На одном из допросов Кенет спросил, почему в ту памятную ночь Эйхман назвался Отто Хенингером?
– Так меня звали более четырех лет, – ответил Эйхман.
– Где же?
– В Германии, в Кельнбахе. До переезда в Аргентину я работал там в лесах.
– Как вы попали туда?
– Сразу после американского лагеря для военнопленных в Обердахштеттене.
– Американцы освободили вас?
– Нет, я сбежал.
– Они знали, кто вы?
– Нет.
– В лагере вы тоже выдавали себя за Отто Хенингера?
– Нет, там я был Отто Экманом.
– Странный выбор, ведь Экман похоже на Эйхман.
– Да, я намеренно выбрал это имя. Боялся, что меня могут узнать старые знакомые, и если они обратятся ко мне: «Эйхман», то для американцев это прозвучит, как «Экман».
– А что вы рассказали американцам о вашей службе в дни войны?
– Я сказал, что служил лейтенантом в двадцать второй кавалерийской дивизии СС.
– Вас, офицера СС, не допрашивали о прошлом?
– Я говорил, что служил в боевых войсках СС. Американцев же интересовали бывшие гестаповцы.
– Тогда зачем же вы признались, что работали в СС?
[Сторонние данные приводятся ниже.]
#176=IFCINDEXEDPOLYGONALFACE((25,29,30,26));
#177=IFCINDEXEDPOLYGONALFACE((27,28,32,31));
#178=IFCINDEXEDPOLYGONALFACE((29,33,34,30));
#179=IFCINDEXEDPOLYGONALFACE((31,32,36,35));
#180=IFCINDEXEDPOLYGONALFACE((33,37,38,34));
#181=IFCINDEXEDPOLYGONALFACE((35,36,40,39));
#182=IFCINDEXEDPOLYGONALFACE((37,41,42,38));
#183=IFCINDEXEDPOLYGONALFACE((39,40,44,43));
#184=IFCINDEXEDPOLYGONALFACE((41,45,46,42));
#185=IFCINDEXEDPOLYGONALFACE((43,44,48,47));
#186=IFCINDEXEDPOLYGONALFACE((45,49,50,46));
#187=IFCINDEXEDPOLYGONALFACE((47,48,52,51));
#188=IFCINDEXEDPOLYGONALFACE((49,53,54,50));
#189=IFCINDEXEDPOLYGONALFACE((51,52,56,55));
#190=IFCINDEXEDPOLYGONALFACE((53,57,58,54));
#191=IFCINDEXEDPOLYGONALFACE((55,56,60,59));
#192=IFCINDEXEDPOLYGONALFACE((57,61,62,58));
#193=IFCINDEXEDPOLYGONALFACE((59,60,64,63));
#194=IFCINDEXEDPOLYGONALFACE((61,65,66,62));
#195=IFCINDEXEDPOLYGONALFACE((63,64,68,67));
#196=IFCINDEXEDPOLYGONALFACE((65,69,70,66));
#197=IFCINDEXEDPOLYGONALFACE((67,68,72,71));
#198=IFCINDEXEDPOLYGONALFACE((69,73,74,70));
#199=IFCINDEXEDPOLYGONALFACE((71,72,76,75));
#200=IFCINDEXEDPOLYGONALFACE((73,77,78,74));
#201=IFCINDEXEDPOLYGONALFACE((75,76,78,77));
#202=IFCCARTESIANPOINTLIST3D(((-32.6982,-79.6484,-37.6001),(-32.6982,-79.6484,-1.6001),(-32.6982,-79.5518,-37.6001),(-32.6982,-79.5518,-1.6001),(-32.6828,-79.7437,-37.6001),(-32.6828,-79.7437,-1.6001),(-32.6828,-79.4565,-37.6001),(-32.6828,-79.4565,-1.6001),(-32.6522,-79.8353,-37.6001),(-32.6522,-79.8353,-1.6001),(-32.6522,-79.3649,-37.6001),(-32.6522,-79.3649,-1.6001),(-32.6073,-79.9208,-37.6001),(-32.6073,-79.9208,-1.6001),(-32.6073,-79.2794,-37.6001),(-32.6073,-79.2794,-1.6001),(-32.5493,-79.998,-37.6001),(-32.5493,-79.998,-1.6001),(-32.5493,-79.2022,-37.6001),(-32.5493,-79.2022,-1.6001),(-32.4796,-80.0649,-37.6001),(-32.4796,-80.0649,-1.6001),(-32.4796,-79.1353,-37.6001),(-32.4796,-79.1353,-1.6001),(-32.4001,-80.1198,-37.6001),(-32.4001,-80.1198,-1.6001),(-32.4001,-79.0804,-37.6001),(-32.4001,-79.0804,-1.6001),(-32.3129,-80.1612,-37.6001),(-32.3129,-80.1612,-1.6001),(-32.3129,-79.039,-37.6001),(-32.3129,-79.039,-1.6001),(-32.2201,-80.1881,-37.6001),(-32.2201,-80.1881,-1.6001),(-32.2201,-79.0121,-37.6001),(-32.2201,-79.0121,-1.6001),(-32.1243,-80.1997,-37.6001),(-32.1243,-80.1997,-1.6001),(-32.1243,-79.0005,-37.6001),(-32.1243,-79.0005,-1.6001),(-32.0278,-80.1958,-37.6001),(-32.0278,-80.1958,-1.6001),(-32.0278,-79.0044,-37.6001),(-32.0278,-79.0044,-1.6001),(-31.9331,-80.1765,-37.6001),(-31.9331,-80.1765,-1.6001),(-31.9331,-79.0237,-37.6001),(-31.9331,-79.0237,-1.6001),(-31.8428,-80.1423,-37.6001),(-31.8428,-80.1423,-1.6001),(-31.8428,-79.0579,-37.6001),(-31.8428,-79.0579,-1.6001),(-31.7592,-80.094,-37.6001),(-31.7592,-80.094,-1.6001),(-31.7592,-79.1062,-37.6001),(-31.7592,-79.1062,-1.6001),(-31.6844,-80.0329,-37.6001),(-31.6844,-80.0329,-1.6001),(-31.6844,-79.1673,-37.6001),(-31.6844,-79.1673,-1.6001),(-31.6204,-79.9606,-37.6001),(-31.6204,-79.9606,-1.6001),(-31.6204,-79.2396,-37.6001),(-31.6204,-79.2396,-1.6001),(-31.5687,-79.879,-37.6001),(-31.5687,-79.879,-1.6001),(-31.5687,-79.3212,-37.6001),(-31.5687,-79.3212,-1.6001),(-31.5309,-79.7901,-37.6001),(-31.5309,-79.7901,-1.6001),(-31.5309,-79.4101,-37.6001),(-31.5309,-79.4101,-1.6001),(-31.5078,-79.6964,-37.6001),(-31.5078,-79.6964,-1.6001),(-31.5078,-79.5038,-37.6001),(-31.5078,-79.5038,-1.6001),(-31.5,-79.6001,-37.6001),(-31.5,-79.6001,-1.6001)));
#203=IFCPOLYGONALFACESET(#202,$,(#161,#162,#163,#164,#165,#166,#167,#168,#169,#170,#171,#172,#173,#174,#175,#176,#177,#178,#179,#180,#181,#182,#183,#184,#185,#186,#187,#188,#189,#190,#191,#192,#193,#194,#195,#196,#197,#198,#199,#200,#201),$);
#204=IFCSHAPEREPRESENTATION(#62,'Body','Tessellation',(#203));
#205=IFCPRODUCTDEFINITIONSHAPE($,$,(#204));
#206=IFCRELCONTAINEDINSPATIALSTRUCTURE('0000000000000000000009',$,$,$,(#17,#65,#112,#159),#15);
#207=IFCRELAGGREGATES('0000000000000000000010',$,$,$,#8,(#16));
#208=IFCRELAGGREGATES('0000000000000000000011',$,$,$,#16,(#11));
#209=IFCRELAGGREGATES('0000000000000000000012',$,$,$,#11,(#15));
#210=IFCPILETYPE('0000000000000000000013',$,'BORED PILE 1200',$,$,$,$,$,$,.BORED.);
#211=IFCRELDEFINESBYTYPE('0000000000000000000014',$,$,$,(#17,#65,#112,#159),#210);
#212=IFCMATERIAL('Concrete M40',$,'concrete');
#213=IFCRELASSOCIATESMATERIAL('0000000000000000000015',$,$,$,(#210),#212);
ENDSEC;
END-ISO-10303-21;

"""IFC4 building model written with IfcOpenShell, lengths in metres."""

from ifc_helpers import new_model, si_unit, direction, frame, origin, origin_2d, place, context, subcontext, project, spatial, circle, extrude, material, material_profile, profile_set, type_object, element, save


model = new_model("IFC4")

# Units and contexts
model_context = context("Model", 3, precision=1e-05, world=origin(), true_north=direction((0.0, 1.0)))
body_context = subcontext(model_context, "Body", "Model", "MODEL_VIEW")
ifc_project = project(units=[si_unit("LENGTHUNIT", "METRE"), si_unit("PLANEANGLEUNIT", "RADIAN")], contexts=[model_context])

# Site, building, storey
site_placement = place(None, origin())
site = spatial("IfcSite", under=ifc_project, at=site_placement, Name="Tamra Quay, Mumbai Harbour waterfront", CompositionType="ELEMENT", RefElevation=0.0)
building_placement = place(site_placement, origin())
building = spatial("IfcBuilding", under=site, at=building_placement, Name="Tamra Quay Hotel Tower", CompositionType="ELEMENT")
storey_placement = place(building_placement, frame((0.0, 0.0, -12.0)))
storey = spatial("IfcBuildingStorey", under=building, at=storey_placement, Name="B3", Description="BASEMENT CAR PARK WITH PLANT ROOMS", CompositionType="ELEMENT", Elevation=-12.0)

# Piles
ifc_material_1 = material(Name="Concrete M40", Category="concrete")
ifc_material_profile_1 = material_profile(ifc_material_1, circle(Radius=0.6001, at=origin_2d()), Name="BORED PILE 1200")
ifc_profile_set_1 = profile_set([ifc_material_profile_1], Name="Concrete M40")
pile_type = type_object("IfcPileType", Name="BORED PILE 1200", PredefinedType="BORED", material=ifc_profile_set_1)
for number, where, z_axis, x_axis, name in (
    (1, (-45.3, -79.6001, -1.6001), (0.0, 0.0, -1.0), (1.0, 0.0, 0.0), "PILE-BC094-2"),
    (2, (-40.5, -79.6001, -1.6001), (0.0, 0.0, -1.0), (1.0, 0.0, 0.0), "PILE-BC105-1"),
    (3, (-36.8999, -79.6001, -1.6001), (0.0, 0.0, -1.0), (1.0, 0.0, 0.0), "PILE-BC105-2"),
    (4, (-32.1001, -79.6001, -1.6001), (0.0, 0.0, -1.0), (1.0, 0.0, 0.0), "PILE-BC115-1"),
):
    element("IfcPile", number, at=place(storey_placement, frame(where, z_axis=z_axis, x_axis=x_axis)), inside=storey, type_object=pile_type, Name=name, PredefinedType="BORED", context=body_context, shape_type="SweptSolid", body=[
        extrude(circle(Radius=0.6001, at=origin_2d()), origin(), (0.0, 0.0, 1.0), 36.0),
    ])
– Из-за татуировки под мышкой.
– Когда вы ее уничтожили?
– Я пытался избавиться от нее перед тем, как сбежать из лагеря. Остальные пленные помогали мне, но нам не удалось уничтожить татуировку полностью.
– Сколько времени вы находились в лагере?
– Около шести месяцев.
– Там еще были люди из вашего отдела?
– Да, мой адьютант Айниш.
– Вас взяли в плен вместе?
– Да.
– Где?
– Неподалеку от Ульма.
– И сразу отправили в Обердахштеттен?
– Нет, сначала мы попали в другой лагерь, но только на несколько недель. Там было плохо.
– Как зто понимать? Плохие условия? Теснота?
– Нет. Но американцы начали осматривать пленных – искали офицеров с татуировками.
– Но вы же признались, что вы офицер СС?
– В том лагере я выдавал себя за рядового из авиации.
– Под именем Экман?
– Нет, Адольф Карл Барт.
– Когда это было?
– В мае 1945-го.
– Чем вы занимались до плена?
– Тогда уже ничем. Перед самым концом войны я отвез жену и сына в Австрию, а сам вернулся туда, где находился Кальтенбруннер, глава управления государственной безопасности рейха. Это были дни полной анархии: никто не знал, что делать. Мы с адьютантом Яйнишем пошли в путь и скоро нас задержали американские солдаты.
– А когда вас задержали во второй раз?
– В конце июля или начале августа 1945 года.
– Тогда-то вы и назвали себя офицером СС Отто Экманом?
– Да.
– Почему вы решили бежать из Обердахштеттена?